Think of it this way: When you sub random numbers into #x#, the denominator will always be bigger than the numerator. Hence, when you divide a small number by a larger number, then the answer will tend to 0 (be close to 0)
For intercepts, When #y=0#, #2x-3=0#, #x=3/2# When #x=0#, #y=1/2#

Plotting your intercepts and drawing in your asymptotes, you should get something like below. Remember, your asymptotes only affect/influence the endpoints of your graph and not anywhere else on your graph

graph{(2x-3)/(x^2+x-6) [-10, 10, -5, 5]}

Sign up to view the whole answer

By signing up, you agree to our Terms of Service and Privacy Policy

Sign up with email
Answer 2

To graph the function f(x) = (2x-3)/(x^2+x-6), we can follow these steps:

  1. Factorize the denominator (x^2+x-6) to find any potential holes or vertical asymptotes: x^2 + x - 6 = (x-2)(x+3) Therefore, the function has potential holes at x = 2 and x = -3.

  2. Determine the vertical asymptotes by finding the values of x that make the denominator equal to zero: x^2 + x - 6 = 0 Solving this quadratic equation, we find x = 2 and x = -3. Hence, the vertical asymptotes are x = 2 and x = -3.

  3. Find the x-intercepts by setting the numerator equal to zero and solving for x: 2x - 3 = 0 Solving this equation, we get x = 3/2. Therefore, the x-intercept is (3/2, 0).

  4. Find the y-intercept by evaluating the function at x = 0: f(0) = (2(0) - 3)/(0^2 + 0 - 6) = -3/6 = -1/2. Hence, the y-intercept is (0, -1/2).

  5. Determine the behavior of the function as x approaches positive or negative infinity to find the horizontal asymptotes: As x approaches positive or negative infinity, the function approaches zero. Therefore, the horizontal asymptote is y = 0.

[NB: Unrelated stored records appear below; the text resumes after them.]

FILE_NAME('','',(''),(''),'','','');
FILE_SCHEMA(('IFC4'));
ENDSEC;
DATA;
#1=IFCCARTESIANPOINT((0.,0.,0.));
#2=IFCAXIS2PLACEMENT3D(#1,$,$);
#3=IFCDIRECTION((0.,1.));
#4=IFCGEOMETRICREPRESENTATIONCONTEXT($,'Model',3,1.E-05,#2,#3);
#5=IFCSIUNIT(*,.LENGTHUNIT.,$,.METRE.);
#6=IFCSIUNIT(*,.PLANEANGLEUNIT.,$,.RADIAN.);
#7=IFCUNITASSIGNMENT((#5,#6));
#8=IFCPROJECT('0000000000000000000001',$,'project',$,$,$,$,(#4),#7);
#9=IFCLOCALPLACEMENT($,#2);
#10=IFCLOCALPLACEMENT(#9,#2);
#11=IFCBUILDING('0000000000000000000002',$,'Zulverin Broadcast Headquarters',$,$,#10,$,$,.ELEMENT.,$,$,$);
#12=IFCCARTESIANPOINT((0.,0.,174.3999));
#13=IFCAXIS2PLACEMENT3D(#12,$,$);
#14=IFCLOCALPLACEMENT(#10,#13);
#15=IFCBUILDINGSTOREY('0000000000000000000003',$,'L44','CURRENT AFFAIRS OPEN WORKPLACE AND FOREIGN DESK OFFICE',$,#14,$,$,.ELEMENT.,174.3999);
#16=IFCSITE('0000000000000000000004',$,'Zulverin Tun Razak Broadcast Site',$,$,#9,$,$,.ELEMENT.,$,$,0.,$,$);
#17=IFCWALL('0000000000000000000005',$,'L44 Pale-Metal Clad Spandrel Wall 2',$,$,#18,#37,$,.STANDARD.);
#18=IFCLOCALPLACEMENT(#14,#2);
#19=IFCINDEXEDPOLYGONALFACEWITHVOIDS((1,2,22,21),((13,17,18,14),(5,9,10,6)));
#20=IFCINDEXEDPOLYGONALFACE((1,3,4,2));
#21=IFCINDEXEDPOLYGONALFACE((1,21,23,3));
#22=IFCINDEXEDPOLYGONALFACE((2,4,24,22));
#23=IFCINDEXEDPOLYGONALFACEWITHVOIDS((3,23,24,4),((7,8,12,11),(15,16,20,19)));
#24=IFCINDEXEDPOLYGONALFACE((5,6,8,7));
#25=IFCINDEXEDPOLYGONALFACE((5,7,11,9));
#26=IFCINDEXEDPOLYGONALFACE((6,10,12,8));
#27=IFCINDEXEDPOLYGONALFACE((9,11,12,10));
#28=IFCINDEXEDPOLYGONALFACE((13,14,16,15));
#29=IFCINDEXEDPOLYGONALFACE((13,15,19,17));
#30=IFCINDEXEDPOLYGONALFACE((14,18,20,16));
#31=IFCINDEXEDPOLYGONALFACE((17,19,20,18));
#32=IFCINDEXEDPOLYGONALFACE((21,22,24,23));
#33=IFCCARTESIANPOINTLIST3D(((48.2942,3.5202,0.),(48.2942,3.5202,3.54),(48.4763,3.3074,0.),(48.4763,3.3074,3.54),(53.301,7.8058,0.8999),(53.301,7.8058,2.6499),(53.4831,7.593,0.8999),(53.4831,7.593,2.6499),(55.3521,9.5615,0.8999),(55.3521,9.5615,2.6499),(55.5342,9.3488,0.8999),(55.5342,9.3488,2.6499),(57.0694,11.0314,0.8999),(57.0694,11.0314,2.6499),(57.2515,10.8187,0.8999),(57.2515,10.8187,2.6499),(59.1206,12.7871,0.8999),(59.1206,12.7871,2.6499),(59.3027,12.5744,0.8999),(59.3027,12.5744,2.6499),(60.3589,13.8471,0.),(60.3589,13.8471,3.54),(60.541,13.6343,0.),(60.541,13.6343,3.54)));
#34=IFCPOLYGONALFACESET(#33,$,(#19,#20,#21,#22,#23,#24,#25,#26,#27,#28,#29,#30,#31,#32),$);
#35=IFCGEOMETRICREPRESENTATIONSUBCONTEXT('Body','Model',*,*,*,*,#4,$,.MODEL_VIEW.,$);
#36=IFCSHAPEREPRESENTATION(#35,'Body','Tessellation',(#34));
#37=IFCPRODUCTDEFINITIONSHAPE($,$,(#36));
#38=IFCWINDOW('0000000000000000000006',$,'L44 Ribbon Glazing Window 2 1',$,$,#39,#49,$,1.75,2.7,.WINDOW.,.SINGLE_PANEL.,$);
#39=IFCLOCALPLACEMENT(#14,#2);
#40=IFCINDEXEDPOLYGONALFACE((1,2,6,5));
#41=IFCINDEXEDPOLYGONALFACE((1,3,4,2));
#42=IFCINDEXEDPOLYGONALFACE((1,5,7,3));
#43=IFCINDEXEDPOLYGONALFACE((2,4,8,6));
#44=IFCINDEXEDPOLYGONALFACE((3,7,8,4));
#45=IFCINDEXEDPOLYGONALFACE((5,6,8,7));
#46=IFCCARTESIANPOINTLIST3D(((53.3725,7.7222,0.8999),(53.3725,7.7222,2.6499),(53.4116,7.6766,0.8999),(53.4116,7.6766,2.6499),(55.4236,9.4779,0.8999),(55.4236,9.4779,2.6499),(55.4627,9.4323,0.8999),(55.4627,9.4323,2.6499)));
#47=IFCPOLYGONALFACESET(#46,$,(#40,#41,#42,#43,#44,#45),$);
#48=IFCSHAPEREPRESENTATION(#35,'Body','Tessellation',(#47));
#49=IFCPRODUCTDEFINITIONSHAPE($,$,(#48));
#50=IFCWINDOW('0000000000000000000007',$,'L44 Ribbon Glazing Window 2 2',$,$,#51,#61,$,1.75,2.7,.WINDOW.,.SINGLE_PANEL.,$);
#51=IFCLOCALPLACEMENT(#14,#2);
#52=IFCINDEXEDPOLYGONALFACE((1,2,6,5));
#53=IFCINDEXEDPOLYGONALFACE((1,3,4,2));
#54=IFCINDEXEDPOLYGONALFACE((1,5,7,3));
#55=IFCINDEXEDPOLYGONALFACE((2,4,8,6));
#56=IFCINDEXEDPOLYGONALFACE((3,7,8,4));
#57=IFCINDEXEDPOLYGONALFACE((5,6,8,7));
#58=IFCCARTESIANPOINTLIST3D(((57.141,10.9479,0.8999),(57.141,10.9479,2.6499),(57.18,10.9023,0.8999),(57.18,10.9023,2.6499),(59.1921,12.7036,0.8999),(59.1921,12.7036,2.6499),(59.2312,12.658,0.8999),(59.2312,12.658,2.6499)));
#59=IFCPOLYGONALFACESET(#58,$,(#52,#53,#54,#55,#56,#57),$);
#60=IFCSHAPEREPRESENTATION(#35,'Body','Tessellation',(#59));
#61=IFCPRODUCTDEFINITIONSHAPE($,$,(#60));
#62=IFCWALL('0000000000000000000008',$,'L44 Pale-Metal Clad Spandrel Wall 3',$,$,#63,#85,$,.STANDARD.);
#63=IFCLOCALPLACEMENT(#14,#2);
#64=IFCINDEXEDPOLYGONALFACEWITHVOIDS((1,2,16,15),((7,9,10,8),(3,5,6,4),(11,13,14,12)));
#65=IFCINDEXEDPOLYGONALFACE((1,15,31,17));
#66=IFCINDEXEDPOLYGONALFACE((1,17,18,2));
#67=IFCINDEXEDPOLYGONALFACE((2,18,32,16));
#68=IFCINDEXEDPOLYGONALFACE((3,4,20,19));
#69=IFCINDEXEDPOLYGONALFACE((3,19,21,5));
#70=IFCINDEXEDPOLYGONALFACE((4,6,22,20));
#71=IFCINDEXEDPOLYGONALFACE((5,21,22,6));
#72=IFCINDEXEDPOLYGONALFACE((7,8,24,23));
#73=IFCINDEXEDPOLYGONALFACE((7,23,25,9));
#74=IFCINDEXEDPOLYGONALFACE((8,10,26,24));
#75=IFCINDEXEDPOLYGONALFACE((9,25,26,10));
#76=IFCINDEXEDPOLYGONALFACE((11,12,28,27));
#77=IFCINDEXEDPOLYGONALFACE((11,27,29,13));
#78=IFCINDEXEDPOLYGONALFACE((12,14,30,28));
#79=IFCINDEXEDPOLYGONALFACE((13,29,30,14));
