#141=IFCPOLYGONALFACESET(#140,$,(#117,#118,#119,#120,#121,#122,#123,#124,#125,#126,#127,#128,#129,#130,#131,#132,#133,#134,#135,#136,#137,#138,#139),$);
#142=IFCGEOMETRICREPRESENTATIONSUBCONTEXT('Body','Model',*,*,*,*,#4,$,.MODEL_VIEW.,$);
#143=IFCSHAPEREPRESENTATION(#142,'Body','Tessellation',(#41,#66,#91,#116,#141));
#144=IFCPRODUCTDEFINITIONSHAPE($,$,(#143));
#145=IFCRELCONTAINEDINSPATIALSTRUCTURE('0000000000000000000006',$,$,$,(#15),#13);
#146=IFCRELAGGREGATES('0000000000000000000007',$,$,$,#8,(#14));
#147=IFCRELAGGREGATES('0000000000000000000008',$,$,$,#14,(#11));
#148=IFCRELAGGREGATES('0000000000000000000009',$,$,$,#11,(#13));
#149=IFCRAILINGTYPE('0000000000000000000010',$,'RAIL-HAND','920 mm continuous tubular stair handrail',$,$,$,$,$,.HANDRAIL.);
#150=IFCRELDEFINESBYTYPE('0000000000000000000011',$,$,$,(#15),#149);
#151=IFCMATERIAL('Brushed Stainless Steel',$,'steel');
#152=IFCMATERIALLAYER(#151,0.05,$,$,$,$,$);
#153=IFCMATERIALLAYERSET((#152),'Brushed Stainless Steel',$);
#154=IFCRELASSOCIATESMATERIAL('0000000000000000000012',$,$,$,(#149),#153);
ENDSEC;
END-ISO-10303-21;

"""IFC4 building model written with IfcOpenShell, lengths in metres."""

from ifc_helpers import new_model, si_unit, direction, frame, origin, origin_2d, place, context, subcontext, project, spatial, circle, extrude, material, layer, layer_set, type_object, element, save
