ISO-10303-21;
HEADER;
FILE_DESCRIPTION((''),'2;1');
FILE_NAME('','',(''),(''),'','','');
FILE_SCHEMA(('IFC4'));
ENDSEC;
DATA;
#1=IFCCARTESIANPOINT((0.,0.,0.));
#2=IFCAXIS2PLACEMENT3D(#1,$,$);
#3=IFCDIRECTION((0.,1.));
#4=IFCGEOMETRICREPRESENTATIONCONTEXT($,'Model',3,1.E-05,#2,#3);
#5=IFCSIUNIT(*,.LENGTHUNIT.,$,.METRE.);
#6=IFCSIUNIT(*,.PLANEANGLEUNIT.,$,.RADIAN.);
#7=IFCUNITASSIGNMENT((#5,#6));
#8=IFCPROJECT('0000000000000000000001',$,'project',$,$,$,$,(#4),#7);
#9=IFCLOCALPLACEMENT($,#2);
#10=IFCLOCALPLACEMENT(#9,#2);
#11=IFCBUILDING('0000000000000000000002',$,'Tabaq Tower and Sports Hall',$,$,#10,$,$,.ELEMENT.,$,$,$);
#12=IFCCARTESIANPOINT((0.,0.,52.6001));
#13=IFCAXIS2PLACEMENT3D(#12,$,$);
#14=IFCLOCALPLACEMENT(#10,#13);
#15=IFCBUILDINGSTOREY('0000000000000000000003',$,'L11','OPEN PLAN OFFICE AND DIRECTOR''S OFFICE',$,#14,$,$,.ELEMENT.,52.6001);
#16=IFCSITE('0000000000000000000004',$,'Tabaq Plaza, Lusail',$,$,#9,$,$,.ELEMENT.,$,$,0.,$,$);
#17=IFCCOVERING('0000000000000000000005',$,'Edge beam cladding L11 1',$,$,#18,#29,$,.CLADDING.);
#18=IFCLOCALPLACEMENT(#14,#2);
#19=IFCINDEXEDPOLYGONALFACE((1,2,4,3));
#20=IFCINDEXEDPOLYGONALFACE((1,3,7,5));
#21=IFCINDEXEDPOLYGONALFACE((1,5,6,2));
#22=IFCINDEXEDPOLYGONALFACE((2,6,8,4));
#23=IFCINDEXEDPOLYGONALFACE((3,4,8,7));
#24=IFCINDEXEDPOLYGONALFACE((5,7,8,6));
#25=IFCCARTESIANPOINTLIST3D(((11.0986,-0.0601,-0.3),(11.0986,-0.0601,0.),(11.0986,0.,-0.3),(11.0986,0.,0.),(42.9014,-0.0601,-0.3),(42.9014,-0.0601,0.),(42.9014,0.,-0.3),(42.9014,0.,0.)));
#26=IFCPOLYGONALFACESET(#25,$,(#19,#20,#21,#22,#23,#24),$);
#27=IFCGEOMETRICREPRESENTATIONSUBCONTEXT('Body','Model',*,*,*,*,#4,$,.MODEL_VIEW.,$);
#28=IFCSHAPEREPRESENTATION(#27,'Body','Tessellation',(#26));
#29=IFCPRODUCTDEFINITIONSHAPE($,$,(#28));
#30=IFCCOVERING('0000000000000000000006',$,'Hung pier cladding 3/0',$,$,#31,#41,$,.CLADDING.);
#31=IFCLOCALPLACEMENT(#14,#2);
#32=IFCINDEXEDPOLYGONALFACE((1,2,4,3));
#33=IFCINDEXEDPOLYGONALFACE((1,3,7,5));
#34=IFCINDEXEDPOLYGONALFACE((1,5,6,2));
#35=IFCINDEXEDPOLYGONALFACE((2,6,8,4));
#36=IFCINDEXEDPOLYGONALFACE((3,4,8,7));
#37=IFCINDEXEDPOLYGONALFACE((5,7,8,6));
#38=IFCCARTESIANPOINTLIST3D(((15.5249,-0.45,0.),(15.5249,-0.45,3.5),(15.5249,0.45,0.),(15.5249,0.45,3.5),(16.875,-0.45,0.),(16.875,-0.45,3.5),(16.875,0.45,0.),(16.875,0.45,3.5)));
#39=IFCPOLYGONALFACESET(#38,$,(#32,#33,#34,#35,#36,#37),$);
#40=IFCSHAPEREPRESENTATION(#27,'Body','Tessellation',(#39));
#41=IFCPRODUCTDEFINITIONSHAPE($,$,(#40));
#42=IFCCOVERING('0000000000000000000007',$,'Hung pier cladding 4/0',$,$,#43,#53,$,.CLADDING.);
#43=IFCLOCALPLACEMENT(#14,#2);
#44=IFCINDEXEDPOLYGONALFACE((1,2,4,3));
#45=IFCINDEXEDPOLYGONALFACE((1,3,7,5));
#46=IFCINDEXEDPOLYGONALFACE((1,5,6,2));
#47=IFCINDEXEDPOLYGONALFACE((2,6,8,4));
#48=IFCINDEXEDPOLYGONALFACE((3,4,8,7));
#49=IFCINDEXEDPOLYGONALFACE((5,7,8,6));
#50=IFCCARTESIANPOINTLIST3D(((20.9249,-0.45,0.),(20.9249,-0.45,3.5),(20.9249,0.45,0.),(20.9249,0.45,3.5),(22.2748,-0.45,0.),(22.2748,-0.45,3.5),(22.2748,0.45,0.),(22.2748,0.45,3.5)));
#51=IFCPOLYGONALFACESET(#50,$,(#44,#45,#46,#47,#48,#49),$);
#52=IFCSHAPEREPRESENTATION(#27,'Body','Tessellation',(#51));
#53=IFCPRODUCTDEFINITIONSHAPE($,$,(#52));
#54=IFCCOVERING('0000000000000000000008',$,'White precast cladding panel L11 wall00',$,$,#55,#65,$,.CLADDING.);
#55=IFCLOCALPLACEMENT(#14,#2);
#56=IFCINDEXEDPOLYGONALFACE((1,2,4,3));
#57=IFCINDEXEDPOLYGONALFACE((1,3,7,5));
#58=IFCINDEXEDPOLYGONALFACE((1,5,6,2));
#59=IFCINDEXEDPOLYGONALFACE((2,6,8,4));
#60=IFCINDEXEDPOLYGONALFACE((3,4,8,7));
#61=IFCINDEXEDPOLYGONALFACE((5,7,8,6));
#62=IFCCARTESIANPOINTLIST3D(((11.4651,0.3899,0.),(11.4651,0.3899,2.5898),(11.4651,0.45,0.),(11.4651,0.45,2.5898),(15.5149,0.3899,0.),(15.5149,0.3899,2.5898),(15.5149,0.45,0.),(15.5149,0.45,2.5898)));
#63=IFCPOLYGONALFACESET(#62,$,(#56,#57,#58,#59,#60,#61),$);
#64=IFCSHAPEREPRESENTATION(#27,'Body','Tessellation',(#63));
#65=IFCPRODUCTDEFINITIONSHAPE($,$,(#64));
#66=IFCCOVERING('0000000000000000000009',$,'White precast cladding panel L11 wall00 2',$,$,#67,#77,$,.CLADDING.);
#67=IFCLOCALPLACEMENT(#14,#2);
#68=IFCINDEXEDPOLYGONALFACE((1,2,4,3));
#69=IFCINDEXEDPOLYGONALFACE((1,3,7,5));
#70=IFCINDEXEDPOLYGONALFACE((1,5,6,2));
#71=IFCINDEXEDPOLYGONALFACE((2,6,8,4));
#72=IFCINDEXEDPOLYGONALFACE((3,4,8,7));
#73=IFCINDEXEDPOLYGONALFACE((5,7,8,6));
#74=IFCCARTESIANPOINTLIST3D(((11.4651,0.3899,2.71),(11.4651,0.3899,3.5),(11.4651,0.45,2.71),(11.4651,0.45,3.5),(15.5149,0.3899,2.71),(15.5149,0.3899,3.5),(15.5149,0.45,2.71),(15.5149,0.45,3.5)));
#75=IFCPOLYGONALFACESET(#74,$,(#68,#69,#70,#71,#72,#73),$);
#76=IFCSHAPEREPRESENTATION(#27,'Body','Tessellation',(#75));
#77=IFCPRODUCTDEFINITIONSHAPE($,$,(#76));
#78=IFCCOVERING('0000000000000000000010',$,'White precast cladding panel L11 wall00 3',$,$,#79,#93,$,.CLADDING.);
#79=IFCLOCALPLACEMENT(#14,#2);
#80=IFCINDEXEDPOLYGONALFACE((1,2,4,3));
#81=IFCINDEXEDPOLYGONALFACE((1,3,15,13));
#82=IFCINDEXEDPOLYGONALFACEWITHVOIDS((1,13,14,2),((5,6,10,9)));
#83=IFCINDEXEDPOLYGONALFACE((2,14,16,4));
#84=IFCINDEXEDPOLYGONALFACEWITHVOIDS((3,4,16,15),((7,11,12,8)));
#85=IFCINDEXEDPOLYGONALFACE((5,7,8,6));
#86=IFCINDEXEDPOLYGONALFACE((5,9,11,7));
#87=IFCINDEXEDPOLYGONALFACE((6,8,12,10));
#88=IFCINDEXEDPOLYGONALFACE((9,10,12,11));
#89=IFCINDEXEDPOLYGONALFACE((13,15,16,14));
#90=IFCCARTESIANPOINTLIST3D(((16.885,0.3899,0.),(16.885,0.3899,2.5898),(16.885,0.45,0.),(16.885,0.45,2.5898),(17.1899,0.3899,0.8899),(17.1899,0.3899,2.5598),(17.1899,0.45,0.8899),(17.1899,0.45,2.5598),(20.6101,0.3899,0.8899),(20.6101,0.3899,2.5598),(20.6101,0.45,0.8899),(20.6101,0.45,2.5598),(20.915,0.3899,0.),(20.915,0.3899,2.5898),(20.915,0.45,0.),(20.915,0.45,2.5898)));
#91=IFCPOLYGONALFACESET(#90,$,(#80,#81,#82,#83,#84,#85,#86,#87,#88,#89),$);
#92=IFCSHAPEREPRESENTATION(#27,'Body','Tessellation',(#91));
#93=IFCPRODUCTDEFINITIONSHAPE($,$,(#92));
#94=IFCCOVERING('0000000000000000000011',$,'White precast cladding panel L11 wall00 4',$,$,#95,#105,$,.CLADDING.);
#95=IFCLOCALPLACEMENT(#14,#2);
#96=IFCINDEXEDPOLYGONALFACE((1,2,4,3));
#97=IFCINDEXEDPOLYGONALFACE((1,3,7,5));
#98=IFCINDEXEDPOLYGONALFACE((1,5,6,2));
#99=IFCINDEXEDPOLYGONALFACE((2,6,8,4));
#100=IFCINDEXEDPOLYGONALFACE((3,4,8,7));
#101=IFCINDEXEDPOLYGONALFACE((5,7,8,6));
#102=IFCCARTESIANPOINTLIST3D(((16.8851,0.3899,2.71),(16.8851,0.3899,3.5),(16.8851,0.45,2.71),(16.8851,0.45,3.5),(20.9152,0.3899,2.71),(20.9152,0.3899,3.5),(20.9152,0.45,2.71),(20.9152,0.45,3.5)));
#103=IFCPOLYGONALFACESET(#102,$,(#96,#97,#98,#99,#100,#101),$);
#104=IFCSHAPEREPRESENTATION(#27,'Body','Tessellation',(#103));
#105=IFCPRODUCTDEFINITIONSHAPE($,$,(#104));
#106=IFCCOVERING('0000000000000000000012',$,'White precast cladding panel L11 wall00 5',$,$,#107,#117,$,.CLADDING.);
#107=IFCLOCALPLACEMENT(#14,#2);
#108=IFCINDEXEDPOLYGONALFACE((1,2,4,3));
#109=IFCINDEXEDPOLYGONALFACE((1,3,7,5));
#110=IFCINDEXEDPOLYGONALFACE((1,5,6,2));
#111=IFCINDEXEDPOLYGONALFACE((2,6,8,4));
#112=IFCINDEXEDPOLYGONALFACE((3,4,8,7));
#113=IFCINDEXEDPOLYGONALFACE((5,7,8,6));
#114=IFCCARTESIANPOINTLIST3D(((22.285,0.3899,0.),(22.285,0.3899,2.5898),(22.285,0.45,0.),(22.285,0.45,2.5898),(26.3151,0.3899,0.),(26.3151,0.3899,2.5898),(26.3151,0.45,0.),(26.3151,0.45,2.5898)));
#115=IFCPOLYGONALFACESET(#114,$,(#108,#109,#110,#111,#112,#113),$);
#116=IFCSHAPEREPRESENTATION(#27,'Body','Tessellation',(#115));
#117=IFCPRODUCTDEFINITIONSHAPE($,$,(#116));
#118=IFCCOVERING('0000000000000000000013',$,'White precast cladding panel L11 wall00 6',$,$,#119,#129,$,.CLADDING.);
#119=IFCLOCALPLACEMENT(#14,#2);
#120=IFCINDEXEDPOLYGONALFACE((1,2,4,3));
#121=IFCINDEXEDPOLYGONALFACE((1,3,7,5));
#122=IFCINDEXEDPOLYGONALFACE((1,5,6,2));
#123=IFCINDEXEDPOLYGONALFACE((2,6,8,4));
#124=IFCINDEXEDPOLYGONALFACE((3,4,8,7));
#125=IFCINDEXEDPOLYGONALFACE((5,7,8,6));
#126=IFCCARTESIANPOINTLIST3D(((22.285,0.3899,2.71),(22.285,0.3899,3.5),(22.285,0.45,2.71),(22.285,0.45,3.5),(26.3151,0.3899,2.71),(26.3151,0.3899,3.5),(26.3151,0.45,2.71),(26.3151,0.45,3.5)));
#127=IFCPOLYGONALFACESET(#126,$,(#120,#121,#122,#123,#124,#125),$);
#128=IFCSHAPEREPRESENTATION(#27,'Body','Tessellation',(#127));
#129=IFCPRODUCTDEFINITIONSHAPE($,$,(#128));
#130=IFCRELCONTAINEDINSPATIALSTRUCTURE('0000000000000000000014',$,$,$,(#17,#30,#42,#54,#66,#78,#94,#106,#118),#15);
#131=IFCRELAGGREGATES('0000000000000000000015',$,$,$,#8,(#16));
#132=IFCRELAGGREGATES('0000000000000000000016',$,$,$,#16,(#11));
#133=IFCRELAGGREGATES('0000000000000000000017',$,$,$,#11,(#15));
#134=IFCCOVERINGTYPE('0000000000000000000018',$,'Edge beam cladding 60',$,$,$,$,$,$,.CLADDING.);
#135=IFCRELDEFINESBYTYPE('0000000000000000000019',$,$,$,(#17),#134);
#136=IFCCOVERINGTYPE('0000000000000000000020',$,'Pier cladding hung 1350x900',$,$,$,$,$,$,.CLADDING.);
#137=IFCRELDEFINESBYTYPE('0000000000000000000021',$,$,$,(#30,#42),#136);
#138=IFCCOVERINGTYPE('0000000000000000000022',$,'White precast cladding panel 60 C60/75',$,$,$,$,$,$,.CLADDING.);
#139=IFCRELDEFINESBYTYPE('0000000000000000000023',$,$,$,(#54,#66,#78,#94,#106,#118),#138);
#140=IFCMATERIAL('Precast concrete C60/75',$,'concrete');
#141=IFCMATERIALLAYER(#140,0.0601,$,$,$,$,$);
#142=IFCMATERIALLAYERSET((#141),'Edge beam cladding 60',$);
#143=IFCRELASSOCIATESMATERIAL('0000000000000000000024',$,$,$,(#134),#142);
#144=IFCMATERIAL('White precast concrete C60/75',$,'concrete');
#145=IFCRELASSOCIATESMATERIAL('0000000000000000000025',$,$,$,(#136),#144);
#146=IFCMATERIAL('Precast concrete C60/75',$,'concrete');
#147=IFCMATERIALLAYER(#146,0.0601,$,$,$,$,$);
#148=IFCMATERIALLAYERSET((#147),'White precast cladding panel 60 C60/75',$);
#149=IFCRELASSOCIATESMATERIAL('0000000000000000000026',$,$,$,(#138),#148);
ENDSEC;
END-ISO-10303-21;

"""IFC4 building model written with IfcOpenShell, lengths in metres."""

from ifc_helpers import new_model, si_unit, direction, frame, frame_2d, origin, place, context, subcontext, project, spatial, polyline, rectangle, outline, extrude, material, layer, layer_set, type_object, element, save


model = new_model("IFC4")

# Units and contexts
model_context = context("Model", 3, precision=1e-05, world=origin(), true_north=direction((0.0, 1.0)))
body_context = subcontext(model_context, "Body", "Model", "MODEL_VIEW")
ifc_project = project(units=[si_unit("LENGTHUNIT", "METRE"), si_unit("PLANEANGLEUNIT", "RADIAN")], contexts=[model_context])

# Site, building, storey
site_placement = place(None, origin())
site = spatial("IfcSite", under=ifc_project, at=site_placement, Name="Tabaq Plaza, Lusail", CompositionType="ELEMENT", RefElevation=0.0)
building_placement = place(site_placement, origin())
building = spatial("IfcBuilding", under=site, at=building_placement, Name="Tabaq Tower and Sports Hall", CompositionType="ELEMENT")
storey_placement = place(building_placement, frame((0.0, 0.0, 52.6001)))
storey = spatial("IfcBuildingStorey", under=building, at=storey_placement, Name="L11", Description="OPEN PLAN OFFICE AND DIRECTOR'S OFFICE", CompositionType="ELEMENT", Elevation=52.6001)

# Coverings
ifc_material_1 = material(Name="Precast concrete C60/75", Category="concrete")
ifc_layer_1 = layer(ifc_material_1, 0.0601)
ifc_layer_set_1 = layer_set([ifc_layer_1], Name="Edge beam cladding 60")
covering_type_1 = type_object("IfcCoveringType", Name="Edge beam cladding 60", PredefinedType="CLADDING", material=ifc_layer_set_1)
covering_1_placement = place(storey_placement, frame((11.0986, -0.03, -0.3), z_axis=(0.0, 0.0, 1.0), x_axis=(1.0, 0.0, 0.0)))
element("IfcCovering", 1, at=covering_1_placement, inside=storey, type_object=covering_type_1, Name="Edge beam cladding L11 1", PredefinedType="CLADDING", context=body_context, shape_type="SweptSolid", body=[
    extrude(rectangle(XDim=31.8027, YDim=0.0601, at=frame_2d((15.9014, 0.0))), origin(), (0.0, 0.0, 1.0), 0.3),
])
ifc_material_2 = material(Name="White precast concrete C60/75", Category="concrete")
covering_type_2 = type_object("IfcCoveringType", Name="Pier cladding hung 1350x900", PredefinedType="CLADDING", material=ifc_material_2)
covering_2_placement = place(storey_placement, frame((15.5249, 0.0, 0.0), z_axis=(0.0, 0.0, 1.0), x_axis=(1.0, 0.0, 0.0)))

  6. Plot the obtained points: holes at x = 2 and x = -3, vertical asymptotes at x = 2 and x = -3, x-intercept at (3/2, 0), y-intercept at (0, -1/2), and the horizontal asymptote at y = 0.

By following these steps, you can graph the function f(x) = (2x-3)/(x^2+x-6) accurately.

Sign up to view the whole answer

By signing up, you agree to our Terms of Service and Privacy Policy

Sign up with email
Answer from HIX Tutor

When evaluating a one-sided limit, you need to be careful when a quantity is approaching zero since its sign is different depending on which way it is approaching zero from. Let us look at some examples.

When evaluating a one-sided limit, you need to be careful when a quantity is approaching zero since its sign is different depending on which way it is approaching zero from. Let us look at some examples.

When evaluating a one-sided limit, you need to be careful when a quantity is approaching zero since its sign is different depending on which way it is approaching zero from. Let us look at some examples.

When evaluating a one-sided limit, you need to be careful when a quantity is approaching zero since its sign is different depending on which way it is approaching zero from. Let us look at some examples.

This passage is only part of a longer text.